入夜。吴玄为清涯披上一层单衣,然后走出门外,靠着门安静站着。九月、难得有繁星满天。这么想着,他忽然有些恍惚。谁能想到呢?作为唯一一个记得一切的人,他竟然只能轻声叹息。
「十五年前」
记忆已经逐渐模糊了。斑斓光影看不清了。那是盛夏。知了不断地聒噪鸣叫、眼光刺眼,即使有茂密的山林遮挡也依旧无法改变这一状况。
“清泠?”男孩子隔着门喊她。
“清泠?”他发现她不应,但还是一个劲喊着。
“清泠、快叫我进去,我是朗御。”
“山贼。”女孩子贴着门,半天终于说出口来,“我娘都告诉我了,原来你这家伙是个山贼、我陈清泠再也不要理你了!”
“哎呀,你娘瞎说的啦,我是城里吴府的公子。”阿御继续嘴硬。
“我才不信!”清泠死活不愿意开门,“我已经见到真正的吴家公子了。昨天夜里,娘说…”到这里清泠忽的小声呜咽起来,怎么也止不住,“娘说我们太穷,只好把清涯送给吴家,吴家的人昨天来把小涯带走了…我再也见不到她了……”
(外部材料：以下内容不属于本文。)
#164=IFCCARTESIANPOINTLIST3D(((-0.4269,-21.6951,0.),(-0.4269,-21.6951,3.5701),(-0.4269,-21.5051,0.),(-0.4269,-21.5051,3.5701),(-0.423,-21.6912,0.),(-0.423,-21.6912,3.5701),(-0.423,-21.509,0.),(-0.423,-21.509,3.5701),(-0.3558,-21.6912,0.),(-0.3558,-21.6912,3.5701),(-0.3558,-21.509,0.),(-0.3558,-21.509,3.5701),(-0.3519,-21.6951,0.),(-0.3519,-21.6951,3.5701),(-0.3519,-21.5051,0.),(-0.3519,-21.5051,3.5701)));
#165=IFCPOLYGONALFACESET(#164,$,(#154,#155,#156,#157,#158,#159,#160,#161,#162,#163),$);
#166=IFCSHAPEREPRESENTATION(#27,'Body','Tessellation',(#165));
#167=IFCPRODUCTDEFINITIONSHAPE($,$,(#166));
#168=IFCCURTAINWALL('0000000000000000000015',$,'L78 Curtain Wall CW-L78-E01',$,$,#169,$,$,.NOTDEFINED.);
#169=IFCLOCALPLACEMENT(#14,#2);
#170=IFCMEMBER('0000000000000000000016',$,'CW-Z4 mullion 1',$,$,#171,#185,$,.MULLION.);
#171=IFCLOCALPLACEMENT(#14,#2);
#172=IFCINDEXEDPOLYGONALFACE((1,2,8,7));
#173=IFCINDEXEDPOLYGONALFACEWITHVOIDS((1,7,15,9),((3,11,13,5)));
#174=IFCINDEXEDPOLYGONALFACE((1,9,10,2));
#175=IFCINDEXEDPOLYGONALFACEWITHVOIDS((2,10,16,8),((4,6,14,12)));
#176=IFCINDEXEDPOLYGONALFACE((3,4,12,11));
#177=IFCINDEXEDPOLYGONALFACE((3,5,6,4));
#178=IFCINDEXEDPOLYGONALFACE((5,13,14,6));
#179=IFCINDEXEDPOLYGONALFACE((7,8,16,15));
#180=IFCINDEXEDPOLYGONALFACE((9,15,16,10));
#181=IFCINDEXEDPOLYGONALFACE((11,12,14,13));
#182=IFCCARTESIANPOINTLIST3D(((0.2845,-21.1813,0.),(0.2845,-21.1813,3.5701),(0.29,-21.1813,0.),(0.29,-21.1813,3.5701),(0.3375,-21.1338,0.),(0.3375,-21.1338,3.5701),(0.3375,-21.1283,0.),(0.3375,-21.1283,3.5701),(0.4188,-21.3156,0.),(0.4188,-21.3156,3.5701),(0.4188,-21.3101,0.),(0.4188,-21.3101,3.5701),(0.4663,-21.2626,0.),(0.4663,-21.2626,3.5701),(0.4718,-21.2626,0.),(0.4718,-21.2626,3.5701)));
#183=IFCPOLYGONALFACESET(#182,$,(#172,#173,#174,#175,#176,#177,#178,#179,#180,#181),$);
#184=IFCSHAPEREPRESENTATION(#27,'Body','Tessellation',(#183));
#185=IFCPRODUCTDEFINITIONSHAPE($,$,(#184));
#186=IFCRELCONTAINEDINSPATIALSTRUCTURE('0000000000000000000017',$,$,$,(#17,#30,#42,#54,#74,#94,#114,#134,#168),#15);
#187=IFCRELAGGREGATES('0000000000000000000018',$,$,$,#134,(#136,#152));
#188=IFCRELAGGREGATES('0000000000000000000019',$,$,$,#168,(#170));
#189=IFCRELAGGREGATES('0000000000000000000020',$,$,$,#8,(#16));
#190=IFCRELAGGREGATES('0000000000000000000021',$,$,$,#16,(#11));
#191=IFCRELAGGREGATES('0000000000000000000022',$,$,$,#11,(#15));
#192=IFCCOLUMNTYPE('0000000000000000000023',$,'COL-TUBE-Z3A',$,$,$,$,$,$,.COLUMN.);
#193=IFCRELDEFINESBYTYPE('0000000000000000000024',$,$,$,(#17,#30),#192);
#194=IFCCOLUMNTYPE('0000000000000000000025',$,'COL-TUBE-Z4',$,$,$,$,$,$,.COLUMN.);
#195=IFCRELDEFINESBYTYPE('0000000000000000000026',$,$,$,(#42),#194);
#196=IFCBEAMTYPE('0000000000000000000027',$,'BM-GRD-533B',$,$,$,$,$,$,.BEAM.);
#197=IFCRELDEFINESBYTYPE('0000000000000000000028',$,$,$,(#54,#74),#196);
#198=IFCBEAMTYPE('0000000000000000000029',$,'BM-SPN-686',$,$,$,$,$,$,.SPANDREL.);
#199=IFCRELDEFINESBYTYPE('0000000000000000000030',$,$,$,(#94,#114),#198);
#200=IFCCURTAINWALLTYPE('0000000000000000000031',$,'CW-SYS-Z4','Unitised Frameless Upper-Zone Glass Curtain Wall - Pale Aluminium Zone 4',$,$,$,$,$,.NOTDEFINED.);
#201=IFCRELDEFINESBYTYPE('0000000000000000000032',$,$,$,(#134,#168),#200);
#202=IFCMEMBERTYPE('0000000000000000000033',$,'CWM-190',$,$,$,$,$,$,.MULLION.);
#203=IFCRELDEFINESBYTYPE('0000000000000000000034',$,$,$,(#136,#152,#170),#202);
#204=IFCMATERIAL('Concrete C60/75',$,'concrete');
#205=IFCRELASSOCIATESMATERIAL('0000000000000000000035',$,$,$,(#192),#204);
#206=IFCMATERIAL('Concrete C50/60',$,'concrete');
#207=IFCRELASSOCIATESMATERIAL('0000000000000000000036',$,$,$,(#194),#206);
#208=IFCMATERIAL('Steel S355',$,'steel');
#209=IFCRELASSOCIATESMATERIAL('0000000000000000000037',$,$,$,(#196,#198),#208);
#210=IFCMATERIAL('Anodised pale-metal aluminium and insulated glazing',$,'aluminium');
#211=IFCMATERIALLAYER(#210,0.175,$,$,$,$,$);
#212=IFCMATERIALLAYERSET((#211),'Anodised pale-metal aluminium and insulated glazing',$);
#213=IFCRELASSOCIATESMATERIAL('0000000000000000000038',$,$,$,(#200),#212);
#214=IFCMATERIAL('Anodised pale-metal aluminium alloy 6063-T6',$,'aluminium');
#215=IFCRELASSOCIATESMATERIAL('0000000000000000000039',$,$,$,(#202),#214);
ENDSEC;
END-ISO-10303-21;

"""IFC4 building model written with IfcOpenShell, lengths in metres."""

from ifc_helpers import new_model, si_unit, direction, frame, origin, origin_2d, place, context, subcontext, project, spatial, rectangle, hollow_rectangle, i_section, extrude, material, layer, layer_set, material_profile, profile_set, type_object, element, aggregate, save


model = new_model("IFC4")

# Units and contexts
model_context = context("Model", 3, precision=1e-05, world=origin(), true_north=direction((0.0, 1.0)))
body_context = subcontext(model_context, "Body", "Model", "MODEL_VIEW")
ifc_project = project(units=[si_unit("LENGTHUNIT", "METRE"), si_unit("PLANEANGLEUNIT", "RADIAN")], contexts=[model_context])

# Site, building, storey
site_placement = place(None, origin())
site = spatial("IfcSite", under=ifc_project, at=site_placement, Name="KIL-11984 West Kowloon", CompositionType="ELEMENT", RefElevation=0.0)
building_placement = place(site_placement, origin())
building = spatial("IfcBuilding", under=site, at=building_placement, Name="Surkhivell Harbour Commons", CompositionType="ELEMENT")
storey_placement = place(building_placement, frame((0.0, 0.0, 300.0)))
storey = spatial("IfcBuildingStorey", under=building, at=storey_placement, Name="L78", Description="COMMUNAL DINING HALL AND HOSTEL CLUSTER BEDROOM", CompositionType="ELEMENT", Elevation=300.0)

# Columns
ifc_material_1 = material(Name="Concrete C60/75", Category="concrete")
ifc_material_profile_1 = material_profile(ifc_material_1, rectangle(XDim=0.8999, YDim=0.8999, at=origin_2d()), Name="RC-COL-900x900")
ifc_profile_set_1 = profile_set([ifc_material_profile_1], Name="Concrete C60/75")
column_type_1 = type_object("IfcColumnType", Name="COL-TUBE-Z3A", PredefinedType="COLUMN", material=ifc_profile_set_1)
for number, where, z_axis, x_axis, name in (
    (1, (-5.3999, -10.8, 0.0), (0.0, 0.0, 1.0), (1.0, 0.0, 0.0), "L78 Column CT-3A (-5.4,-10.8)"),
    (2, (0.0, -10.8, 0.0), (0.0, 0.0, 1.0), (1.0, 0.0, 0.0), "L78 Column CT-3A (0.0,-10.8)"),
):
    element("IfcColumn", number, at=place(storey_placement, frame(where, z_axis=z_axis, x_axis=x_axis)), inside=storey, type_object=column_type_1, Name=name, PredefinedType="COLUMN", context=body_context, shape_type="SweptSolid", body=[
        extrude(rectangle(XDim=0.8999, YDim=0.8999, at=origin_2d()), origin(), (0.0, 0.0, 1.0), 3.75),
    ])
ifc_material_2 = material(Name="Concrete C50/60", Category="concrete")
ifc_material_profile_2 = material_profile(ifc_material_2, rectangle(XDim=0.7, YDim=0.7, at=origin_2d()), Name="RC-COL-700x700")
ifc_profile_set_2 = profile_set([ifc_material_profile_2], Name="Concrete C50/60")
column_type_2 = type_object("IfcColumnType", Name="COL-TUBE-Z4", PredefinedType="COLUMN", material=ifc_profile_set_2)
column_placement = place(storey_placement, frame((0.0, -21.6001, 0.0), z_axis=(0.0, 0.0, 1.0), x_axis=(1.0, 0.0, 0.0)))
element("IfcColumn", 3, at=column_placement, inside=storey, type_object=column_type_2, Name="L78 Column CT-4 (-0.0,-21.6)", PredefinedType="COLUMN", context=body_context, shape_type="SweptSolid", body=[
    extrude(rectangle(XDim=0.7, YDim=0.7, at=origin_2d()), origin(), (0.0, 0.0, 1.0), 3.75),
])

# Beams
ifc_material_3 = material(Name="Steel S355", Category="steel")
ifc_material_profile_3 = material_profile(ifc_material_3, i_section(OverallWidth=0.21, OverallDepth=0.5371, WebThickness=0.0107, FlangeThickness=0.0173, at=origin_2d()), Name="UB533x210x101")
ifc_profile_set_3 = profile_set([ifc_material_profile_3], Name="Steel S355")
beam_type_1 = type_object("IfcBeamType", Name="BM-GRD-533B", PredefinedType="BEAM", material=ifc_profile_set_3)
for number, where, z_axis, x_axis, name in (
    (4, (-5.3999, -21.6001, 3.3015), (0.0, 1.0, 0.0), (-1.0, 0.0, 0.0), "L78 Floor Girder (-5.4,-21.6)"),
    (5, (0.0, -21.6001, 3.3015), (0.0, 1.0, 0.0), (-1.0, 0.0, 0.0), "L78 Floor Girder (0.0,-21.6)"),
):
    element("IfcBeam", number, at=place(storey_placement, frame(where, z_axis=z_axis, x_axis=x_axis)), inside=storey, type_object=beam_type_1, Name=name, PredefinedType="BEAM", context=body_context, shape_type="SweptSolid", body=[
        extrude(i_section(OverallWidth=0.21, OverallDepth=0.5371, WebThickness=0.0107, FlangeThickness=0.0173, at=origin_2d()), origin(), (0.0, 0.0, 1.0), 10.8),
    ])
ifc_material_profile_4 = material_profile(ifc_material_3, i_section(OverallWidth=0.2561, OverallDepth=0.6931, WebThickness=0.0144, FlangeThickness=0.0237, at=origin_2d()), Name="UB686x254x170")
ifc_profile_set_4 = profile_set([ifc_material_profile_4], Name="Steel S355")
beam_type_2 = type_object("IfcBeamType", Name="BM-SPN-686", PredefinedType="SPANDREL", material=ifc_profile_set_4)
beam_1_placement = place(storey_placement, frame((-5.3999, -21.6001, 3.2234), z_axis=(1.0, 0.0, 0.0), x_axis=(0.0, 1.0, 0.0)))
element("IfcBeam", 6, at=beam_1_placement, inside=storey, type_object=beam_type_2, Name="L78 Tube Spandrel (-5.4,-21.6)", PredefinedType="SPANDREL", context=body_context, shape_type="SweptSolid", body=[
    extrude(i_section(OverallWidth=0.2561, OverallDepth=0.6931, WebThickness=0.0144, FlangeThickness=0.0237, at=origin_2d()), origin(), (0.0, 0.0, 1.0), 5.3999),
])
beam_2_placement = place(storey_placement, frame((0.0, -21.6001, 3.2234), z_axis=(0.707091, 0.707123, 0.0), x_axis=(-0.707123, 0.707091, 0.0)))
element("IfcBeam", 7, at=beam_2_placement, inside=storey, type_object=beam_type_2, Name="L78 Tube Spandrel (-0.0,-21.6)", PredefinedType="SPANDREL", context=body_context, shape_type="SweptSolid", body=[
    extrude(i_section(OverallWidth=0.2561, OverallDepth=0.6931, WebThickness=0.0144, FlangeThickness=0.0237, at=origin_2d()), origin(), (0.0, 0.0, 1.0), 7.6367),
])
“这到底哪和哪回事?”阿御也是急脾气,立刻问道,“说清楚、本公子一定给你做主!”
“还冒充贵族公子、”清泠的呜咽里夹杂着小女生的恼怒,“你再这样,我真的永远都不理你了!”
“好啦好啦清泠。”阿御只好妥协,“我承认了还不行。我也不是故意骗你的,你们这些女孩子,要是知道我是山里的山贼,肯定不会和我玩了。”
“你知道我不在乎的。”她说着,终于开了门,待到阿御进门去,她立刻将门合上。
阿御知道陈清泠生着怪病。半年前他路过此处,发现一个密不透光的小木屋,心下好奇、便决定进去看看。谁知道他只是稍稍打开一道缝,门里的女子便传来痛苦的叫声。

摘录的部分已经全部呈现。